Ask a smart home device for the weather forecast and it takes a few seconds for the device to respond. One reason for this latency is that connected devices don’t have enough memory or power to store and run the massive machine learning models needed for the device to understand what a user is asking of it. The model is stored in a data center, which can be hundreds of miles away, where the answer is calculated and sent to the device.
MIT researchers have developed a new method for computing directly on these devices that drastically reduces this latency. Their technique offloads the memory-intensive steps of running a machine learning model to a central server, where components of the model are encoded onto lightwaves.
The waves are transmitted via fiber optics to a connected device, allowing tons of data to be sent across a network at lightning speed. The receiver then uses a simple optical device that quickly performs calculations using the parts of a model carried by these light waves.

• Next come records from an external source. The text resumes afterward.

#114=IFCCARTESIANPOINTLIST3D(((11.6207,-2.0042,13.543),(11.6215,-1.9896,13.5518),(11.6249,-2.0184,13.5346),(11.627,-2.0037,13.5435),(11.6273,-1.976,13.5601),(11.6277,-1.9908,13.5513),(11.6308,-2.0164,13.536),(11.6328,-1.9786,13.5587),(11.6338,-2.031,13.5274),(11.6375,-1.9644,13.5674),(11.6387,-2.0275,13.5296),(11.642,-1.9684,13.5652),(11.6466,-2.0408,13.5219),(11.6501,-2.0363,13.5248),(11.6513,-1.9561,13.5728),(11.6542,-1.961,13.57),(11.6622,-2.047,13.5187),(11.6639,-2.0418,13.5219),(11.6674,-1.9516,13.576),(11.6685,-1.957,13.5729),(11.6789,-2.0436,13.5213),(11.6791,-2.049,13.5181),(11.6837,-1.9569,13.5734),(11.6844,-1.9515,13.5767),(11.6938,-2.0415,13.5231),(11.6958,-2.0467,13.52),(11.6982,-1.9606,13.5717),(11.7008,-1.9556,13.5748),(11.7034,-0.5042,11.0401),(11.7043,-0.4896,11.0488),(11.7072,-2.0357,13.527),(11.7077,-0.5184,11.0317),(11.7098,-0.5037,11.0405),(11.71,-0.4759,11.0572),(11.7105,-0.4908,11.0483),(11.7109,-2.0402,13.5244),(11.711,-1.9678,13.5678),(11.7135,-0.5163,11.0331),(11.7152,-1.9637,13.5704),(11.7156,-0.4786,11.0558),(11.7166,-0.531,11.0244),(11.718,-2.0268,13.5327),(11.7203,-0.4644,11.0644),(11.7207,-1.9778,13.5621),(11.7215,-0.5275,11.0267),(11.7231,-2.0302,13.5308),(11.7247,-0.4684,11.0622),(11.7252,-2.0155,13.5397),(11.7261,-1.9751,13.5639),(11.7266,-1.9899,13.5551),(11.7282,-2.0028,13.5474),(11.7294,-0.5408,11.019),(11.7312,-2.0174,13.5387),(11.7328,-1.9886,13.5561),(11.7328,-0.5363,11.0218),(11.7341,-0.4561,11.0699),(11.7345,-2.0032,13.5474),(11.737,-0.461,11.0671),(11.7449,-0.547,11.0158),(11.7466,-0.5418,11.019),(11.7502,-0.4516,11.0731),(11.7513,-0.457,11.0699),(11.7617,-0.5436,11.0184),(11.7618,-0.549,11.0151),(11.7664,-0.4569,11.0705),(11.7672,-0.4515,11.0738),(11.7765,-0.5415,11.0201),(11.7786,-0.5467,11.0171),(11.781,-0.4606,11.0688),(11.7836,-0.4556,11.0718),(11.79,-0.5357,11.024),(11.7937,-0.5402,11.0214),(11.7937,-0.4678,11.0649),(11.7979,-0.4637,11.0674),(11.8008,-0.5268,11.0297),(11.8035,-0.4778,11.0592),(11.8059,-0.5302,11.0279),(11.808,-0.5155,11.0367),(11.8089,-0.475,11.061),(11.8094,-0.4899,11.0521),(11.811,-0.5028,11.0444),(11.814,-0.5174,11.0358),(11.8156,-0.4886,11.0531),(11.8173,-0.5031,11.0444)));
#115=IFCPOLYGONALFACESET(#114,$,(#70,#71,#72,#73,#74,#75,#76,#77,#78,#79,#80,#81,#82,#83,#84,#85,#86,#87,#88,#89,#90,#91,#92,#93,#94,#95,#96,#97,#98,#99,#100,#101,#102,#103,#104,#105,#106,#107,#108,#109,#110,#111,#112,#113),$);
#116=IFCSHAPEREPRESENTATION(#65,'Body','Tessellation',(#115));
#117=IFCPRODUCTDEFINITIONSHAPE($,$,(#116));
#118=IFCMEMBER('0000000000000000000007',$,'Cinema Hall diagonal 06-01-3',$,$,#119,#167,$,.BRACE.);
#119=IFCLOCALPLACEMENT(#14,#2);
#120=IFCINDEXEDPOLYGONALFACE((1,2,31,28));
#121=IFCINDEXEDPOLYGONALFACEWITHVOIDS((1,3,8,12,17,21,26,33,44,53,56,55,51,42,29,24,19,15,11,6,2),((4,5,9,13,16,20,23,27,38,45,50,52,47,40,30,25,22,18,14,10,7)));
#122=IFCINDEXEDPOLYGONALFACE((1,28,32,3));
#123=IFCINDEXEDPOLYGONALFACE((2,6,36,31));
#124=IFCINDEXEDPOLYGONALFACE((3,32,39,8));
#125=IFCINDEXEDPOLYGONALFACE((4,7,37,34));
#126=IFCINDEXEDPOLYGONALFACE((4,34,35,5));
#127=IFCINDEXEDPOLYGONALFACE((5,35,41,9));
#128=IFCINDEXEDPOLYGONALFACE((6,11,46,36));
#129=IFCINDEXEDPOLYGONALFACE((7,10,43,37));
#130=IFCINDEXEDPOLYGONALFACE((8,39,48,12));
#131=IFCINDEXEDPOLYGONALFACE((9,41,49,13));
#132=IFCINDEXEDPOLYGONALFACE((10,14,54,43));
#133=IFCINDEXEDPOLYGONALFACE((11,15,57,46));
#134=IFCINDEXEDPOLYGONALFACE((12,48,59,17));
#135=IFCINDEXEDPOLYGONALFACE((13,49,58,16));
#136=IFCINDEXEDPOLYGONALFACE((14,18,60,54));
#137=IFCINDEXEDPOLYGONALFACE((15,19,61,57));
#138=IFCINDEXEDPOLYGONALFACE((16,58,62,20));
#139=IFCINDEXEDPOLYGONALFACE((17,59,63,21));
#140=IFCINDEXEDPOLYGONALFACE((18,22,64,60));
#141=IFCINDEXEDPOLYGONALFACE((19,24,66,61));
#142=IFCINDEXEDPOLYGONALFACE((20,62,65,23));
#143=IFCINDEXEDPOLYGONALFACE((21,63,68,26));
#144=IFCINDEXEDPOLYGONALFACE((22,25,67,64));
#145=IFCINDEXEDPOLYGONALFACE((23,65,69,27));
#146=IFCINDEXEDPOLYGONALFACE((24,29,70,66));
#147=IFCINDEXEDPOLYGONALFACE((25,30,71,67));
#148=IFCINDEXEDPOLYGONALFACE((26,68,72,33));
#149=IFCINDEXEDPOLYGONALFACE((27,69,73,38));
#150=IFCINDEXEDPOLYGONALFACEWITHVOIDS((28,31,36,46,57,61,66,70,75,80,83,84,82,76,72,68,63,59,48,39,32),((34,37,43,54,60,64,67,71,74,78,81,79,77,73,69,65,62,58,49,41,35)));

This technique results in more than a hundredfold improvement in energy efficiency compared to other methods. It could also improve security since a user’s data doesn’t have to be transmitted to a central location for computation.
This method could allow a self-driving car to make real-time decisions while using only a tiny percentage of the energy currently required by power-hungry computers. It could also allow a user to have zero-latency entertainment with their smart home device, use live video processing over cellular networks, or even enable high-speed image classification on a spacecraft millions of miles from Earth.
“Anytime you want to run a neural network, you have to run the program, and how fast you can run the program depends on how fast you can run the program from memory. Our pipeline is huge – it’s equivalent to sending a full-length film over the Internet about every millisecond. That’s how fast data comes into our system. And that’s how fast it can calculate,” says senior author Dirk Englund, an associate professor in the Department of Electrical and Computer Science (EECS) and a member of the MIT Research Laboratory of Electronics.
Alongside Englund, lead author and EECS student Alexander Sludds is involved in the work; EECS student Saumil Bandyopadhyay, research scientist Ryan Hamerly, and others from MIT, MIT Lincoln Laboratory, and Nokia Corporation. The research results will be published in Science.
Neural networks are machine learning models that use layers of connected nodes, or neurons, to recognize patterns in data sets and perform tasks like classifying images or recognizing speech. However, these models can contain billions of weight parameters, which are numeric values that transform input data when processed. These weights must be stored. At the same time, the data transformation process involves billions of algebraic calculations that require a lot of power to perform.
The process of retrieving data (in this case, the neural network weights) from memory and transferring it to the parts of a computer that do the actual computation is one of the biggest limiting factors for speed and power efficiency, says Sludds.
“So we thought, why don’t we take all that heavy lifting — the process of pulling billions of weights out of memory — away from the Edge device and put it somewhere where we have ample access to power and storage, eh.” gives us a chance to get those weights quick?” he says.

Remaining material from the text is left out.